# Is anyone Creating ICC profiles for Dye Sub Printers



## boneida (Aug 30, 2008)

We are having variaty of products that we produce on sublimation and even do some solvent printing. Every now and then we would change supplier for paper or ink and materials, etc. 
Basically we would like optimum results on different materials.

I was wondering if anyone has invested into profile making tools such as xrite x1 or barbieri or any other systems that could do.

The issue I'm having is there is too many versions of these systems, and some of them can be quite pricey. So I was wondering if anyone has invested and successfully managing their profiles. 

If anyone has feedback on xrite i1 Publish Pro or barbier LFP3 systems, it would be great.

Cheers,
daki


----------



## jemmyell (Jan 26, 2010)

Hi,

If anyone is doing ICC profiles with the new Xrite tools and delivering them remotely without having ever physically travelled to your site then they are operating illegally. The new XRite license is abusively restrictive but it is what it is.

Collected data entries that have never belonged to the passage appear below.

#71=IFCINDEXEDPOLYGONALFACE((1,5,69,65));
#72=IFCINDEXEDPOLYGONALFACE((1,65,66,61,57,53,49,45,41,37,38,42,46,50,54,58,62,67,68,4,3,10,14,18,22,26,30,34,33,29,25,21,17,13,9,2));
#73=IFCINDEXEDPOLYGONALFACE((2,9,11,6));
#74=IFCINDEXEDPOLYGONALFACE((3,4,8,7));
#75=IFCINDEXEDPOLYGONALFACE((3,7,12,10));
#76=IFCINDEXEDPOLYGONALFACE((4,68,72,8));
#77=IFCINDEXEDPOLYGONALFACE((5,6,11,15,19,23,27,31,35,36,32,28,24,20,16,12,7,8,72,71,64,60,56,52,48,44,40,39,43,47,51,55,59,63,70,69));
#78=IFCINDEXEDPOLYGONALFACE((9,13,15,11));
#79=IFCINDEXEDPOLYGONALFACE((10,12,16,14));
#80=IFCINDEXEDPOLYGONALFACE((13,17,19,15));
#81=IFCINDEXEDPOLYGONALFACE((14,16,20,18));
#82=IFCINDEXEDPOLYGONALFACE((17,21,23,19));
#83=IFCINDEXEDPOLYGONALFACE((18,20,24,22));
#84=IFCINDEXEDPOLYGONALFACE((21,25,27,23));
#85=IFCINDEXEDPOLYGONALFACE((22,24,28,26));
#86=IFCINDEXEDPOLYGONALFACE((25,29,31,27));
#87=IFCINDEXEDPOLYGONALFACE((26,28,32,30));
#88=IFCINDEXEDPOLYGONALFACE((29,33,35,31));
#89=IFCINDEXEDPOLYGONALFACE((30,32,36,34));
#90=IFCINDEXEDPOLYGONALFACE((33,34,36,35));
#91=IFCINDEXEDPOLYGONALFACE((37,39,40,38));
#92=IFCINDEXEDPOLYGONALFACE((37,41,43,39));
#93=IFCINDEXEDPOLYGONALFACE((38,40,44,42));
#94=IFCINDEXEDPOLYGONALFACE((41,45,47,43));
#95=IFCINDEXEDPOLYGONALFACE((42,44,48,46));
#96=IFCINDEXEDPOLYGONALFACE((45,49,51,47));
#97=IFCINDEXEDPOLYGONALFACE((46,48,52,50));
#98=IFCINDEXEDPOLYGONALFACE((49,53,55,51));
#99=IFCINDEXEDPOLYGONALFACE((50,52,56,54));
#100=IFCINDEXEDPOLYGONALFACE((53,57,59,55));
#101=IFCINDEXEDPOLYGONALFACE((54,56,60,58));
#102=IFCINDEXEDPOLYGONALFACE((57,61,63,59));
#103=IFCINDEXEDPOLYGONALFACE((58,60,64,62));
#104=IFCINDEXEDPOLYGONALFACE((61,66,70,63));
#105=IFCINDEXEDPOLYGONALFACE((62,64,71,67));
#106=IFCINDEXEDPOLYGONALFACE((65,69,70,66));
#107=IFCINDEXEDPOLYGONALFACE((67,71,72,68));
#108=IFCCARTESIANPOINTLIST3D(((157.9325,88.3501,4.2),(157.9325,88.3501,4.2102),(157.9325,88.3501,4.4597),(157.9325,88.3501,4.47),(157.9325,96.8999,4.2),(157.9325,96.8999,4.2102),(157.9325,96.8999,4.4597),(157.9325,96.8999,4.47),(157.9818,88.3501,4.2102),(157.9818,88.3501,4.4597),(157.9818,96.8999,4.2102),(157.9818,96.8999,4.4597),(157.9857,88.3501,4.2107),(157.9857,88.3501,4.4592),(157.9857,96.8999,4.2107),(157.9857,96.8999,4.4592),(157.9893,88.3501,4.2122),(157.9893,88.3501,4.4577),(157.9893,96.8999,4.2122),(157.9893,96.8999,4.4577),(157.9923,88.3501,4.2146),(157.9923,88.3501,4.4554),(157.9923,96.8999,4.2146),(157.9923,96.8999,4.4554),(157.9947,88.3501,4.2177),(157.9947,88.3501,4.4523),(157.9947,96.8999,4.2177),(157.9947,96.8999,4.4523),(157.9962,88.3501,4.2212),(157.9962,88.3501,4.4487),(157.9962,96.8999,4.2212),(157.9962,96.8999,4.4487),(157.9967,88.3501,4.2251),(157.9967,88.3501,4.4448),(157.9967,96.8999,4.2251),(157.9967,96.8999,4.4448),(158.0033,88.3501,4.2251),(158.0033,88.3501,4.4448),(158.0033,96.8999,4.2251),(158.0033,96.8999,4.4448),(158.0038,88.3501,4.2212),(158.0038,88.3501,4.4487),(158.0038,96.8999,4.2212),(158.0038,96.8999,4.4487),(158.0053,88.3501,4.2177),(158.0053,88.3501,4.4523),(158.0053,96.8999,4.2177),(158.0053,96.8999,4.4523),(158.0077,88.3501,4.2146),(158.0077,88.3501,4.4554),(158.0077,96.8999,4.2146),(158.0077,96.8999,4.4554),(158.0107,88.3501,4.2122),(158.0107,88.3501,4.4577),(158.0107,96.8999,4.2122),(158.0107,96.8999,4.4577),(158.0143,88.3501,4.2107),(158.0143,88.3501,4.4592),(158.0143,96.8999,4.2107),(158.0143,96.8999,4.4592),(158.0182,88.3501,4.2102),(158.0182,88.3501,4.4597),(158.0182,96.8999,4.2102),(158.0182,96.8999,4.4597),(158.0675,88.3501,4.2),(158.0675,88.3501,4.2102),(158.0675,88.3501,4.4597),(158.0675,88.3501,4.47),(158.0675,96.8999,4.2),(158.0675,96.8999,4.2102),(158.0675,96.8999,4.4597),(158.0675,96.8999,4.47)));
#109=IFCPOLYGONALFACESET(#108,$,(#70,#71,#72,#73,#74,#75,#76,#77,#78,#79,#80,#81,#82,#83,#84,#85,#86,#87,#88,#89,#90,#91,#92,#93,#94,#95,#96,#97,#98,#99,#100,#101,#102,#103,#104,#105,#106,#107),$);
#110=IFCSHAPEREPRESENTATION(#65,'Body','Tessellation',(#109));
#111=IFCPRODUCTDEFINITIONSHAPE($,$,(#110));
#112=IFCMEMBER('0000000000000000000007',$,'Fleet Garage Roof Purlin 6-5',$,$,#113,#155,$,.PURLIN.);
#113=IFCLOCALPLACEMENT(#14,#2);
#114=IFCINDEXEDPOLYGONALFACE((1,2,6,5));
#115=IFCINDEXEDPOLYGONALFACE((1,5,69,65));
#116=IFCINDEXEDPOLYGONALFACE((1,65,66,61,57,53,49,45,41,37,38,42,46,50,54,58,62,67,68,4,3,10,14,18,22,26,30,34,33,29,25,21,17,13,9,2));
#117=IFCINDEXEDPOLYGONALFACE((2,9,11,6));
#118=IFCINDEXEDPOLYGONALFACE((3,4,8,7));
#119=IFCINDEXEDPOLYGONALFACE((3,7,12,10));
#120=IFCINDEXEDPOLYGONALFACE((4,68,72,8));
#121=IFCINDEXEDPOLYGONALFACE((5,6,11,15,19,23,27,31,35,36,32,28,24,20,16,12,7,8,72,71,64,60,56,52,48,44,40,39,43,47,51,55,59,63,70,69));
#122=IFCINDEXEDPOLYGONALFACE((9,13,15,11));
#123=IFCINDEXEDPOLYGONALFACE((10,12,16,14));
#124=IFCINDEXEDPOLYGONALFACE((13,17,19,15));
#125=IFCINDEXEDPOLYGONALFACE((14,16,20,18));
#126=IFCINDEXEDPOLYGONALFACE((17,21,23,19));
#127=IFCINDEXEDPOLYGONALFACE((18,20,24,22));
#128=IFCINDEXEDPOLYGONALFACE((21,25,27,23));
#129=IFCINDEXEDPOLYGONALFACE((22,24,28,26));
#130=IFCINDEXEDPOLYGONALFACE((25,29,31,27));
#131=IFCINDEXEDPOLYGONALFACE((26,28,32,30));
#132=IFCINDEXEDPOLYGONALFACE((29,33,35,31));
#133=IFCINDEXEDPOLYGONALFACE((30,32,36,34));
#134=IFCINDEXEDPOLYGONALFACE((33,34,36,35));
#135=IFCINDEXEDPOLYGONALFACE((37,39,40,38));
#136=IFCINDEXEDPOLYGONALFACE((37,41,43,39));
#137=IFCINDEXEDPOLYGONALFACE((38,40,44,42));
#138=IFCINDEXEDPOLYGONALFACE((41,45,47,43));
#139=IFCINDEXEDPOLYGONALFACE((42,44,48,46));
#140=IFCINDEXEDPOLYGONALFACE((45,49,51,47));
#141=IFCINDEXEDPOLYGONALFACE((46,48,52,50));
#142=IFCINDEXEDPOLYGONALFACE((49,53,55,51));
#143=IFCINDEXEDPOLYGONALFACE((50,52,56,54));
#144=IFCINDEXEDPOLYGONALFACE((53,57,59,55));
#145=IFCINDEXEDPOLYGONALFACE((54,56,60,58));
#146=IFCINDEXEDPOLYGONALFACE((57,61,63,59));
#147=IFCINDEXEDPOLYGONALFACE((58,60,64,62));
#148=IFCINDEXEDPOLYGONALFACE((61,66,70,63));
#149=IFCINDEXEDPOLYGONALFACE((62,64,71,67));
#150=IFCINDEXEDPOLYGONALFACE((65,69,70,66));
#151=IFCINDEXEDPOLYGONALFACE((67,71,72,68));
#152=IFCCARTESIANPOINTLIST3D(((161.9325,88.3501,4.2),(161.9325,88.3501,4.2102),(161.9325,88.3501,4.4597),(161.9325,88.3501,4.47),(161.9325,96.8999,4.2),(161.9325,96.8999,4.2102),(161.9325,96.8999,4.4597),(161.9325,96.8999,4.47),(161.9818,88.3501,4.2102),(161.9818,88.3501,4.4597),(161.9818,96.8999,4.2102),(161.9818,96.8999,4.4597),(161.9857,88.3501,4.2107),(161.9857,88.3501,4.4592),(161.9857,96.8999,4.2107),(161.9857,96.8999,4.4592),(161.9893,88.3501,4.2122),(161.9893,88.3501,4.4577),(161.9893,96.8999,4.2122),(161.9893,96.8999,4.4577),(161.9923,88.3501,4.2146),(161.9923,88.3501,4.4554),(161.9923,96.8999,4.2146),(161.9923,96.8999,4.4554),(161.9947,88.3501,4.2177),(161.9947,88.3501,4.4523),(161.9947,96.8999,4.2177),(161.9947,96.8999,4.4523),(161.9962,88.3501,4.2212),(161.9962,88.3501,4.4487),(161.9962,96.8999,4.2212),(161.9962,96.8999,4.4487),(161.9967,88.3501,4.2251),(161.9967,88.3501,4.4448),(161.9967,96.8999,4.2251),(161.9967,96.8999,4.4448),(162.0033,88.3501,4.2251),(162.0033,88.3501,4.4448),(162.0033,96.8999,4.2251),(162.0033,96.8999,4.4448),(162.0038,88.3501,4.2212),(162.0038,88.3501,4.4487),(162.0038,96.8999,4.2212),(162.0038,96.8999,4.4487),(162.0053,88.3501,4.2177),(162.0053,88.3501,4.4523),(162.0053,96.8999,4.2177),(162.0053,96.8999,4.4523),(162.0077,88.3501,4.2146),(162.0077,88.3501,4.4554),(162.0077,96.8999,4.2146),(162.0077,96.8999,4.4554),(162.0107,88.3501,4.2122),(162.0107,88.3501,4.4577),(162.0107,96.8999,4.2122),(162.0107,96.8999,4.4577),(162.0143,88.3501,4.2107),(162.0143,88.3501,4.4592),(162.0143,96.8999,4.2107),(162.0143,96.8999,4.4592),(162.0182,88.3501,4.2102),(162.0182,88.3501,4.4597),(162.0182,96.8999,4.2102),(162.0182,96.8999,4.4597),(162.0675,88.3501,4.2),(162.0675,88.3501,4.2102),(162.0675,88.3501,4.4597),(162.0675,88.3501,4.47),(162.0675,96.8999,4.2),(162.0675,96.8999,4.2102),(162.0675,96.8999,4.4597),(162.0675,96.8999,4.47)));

You do need to this for yourself. That is what I am doing.

-James


----------



## boneida (Aug 30, 2008)

jemmyell said:


> Hi,
> 
> If anyone is doing ICC profiles with the new Xrite tools and delivering them remotely without having ever physically travelled to your site then they are operating illegally. The new XRite license is abusively restrictive but it is what it is.
> 
> ...


I will be doing it myself and that's what I'm looking for, not remotely. But the tools I've looked at range from $1500-8000, I know you get what you pay for, so I'm looking for feedback if anyone owns and doest them.
Cheers,
daki


----------



## jemmyell (Jan 26, 2010)

Hi,

I bought the i1 Photo Pro with i1Profiler in January. This package is no longer available. The new i1 V2 looks to be a better instrument but it is also (apparently) more expensive. I haven't looked at it in depth since they offer no real discounts for recent purchasers. Xrite has bought all the significant competitors so they just don't care.

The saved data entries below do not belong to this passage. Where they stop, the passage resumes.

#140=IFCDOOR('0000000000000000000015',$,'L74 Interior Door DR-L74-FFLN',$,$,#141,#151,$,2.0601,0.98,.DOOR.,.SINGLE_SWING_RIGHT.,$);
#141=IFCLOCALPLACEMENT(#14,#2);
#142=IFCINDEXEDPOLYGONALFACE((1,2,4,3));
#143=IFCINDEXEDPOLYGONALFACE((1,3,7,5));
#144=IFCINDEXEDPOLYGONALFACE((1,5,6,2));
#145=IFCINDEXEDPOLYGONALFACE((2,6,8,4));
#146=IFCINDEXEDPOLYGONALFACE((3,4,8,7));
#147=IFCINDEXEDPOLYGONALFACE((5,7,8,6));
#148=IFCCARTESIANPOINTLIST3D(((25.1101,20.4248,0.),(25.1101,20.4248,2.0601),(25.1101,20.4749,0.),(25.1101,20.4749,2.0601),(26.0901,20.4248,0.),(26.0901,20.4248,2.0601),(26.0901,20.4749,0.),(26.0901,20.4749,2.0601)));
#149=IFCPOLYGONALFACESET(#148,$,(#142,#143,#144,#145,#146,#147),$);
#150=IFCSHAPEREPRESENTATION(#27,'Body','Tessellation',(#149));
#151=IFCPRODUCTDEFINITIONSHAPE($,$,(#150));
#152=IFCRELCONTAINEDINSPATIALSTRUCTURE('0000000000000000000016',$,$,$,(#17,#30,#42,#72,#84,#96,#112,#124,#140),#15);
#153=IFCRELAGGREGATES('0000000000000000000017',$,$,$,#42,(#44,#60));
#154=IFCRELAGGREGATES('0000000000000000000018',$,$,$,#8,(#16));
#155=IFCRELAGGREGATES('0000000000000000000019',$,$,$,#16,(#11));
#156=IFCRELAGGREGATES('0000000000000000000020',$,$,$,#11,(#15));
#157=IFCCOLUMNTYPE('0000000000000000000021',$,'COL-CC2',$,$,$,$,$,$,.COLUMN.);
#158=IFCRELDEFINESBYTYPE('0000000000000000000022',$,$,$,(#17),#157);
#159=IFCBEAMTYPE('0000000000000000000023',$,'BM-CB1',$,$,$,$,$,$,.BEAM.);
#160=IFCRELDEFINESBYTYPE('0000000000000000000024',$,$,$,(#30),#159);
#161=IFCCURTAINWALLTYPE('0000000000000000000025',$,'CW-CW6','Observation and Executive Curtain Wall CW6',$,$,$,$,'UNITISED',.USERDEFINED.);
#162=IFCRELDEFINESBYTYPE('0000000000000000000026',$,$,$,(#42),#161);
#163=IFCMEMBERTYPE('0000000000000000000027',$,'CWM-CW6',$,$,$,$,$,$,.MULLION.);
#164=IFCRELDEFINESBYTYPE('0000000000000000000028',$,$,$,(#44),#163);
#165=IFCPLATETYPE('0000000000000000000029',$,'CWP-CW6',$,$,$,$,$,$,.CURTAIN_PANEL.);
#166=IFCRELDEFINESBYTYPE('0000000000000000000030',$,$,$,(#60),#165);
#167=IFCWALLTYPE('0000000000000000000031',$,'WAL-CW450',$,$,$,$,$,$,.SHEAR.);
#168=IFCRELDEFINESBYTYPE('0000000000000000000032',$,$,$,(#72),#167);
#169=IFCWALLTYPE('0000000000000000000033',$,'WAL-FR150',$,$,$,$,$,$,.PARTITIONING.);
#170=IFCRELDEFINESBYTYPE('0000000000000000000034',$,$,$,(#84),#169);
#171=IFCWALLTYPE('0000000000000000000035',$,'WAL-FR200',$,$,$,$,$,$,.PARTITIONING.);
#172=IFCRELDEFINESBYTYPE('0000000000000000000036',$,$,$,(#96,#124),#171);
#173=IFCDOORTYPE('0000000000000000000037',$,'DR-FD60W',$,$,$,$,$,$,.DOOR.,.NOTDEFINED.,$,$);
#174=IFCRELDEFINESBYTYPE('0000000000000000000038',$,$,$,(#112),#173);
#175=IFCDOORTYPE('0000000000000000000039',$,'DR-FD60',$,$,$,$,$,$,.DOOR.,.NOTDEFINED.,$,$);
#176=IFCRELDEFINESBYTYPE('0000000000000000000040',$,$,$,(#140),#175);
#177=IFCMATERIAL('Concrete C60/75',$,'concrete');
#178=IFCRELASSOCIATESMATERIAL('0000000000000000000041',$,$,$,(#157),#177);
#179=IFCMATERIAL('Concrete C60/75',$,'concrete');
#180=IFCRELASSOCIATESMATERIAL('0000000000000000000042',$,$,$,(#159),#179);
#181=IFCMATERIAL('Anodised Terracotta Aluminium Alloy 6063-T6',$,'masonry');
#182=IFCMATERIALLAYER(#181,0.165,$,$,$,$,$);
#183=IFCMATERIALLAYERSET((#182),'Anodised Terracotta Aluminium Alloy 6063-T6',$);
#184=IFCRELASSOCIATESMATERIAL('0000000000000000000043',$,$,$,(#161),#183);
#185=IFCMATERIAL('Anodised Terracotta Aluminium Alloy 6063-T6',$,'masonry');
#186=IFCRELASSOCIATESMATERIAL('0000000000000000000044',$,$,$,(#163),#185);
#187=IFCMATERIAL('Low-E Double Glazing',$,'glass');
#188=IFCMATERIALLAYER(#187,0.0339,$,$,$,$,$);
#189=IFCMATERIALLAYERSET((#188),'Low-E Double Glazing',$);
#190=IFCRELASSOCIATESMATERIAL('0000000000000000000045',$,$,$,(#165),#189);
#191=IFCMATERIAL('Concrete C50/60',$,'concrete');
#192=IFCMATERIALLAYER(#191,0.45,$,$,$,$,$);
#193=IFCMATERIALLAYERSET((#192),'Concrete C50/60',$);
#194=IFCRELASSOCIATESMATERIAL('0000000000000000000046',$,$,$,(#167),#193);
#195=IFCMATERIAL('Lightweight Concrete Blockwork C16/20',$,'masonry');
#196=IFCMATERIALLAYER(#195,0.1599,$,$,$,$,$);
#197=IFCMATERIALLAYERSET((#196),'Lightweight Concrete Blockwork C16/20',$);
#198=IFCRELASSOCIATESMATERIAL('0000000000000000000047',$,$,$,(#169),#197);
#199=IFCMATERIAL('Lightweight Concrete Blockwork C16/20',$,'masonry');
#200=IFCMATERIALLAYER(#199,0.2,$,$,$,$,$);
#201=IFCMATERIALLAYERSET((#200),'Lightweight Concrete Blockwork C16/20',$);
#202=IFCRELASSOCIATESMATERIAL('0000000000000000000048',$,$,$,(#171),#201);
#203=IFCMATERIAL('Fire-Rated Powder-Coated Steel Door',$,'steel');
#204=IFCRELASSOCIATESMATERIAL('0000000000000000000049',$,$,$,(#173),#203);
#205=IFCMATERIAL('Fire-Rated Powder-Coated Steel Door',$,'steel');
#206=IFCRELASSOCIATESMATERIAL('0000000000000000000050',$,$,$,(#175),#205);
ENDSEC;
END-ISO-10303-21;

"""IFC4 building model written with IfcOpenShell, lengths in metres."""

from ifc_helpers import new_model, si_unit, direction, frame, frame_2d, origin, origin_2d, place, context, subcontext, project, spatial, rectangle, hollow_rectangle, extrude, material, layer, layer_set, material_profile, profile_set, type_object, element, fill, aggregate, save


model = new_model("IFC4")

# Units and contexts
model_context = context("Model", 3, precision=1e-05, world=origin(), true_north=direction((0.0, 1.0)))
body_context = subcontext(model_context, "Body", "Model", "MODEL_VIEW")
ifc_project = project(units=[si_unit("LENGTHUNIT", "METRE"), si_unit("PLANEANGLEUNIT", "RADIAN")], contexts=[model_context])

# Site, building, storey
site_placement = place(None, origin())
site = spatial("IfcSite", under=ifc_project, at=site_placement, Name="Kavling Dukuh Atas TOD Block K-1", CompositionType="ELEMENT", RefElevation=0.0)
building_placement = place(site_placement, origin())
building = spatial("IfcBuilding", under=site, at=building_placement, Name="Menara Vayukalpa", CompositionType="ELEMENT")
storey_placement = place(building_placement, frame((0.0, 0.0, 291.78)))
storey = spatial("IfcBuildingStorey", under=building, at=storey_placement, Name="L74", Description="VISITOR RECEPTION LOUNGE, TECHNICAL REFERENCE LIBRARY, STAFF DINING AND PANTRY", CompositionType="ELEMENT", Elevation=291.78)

That said, I get really good results and I am glad I took this step. To really learn more see the color management forum at the luminous landscape.

-James


----------



## jge (Oct 7, 2008)

I've used the Xrite, but it wasn't an easy process, and after making the profile, I still had to make tweaks to the settings until the colours looked right to me. Unfortunately what tends to happen if you just rely on the hardware & software is that your profile gives excellent reds for example, but poor blues. You need to make tweaks to get the best overall colours, or even generate a number of profiles depending on the substrate and the type of work you want to produce.


----------



## pisquee (Jan 8, 2012)

"...or even generate a number of profiles depending on the substrate"

This is exactly what you need to do, as each substrate will affect the quality and look of the end print ... you could save some time/money and group your substrates into different categories though - have a "gloss white" to cover mugs through to white coated aluminiums, and then a "matt white fabric" to cover things like mousemats and t-shirts. Obviously this all depends on the products you do.

We use a Datacolour Spyder for our profiling work.


----------



## Riderz Ready (Sep 18, 2008)

Can any of the tools assist with color matching? 

In short it would be way to helpful if one was able to create a profile using one of the systems than be able to use such to color match meaning you could than take a piece of fabric, scan it, than have the system calculate the closest color values to match that color.

If this a pipe dream?


----------



## jemmyell (Jan 26, 2010)

Hi,

I am using a third party tool to get substrate spectral data (SpectraShop from RM Imaging). The Xrite i1 systems (now just i1 Publish I believe) includes a Pantone color manager which can be used to sample a surface and then give the closest Pantone color match. It is said that XRite ColorPort can be used for this but the documentation on the new XRite stuff is absolutely horrible. I am moving towards Argyll CMS since the profiles you make with Argyll can be legally sold and bundled with other products

Not a pipe dream but some effort involved. If you are not printing a 'photo' on 'paper' most of the people will not have any idea what you are talking about. Caveat emptor.

RM Imaging is here:

Robin Myers Imaging: Home

The luminous landscape color management forum is here:

Colour Management

-James


----------



## Riderz Ready (Sep 18, 2008)

It just seems that coloring profiling is all math. It knows our specific "red" is 230,0,0 thus it seems if you scan another shade of red it could calculate the values based on the existing profile.


----------



## jemmyell (Jan 26, 2010)

Hi,

Yes, the ICC profile provides the conversion from the RGB you want to the RGB / CMYK that your equipment will actually generate. The actual color sampling is not profile based.

-James


----------



## RedDoorDesign (May 1, 2009)

pisquee said:


> We use a Datacolour Spyder for our profiling work.


Pisquee - are you using the Spyder with Wasatch?


----------



## pisquee (Jan 8, 2012)

No, just using it with its own software for creating the profiles, and then using Photoshop for editing/printing


----------



## uncletee (Feb 25, 2007)

all depends on what ink your using!? good luck unceltee


----------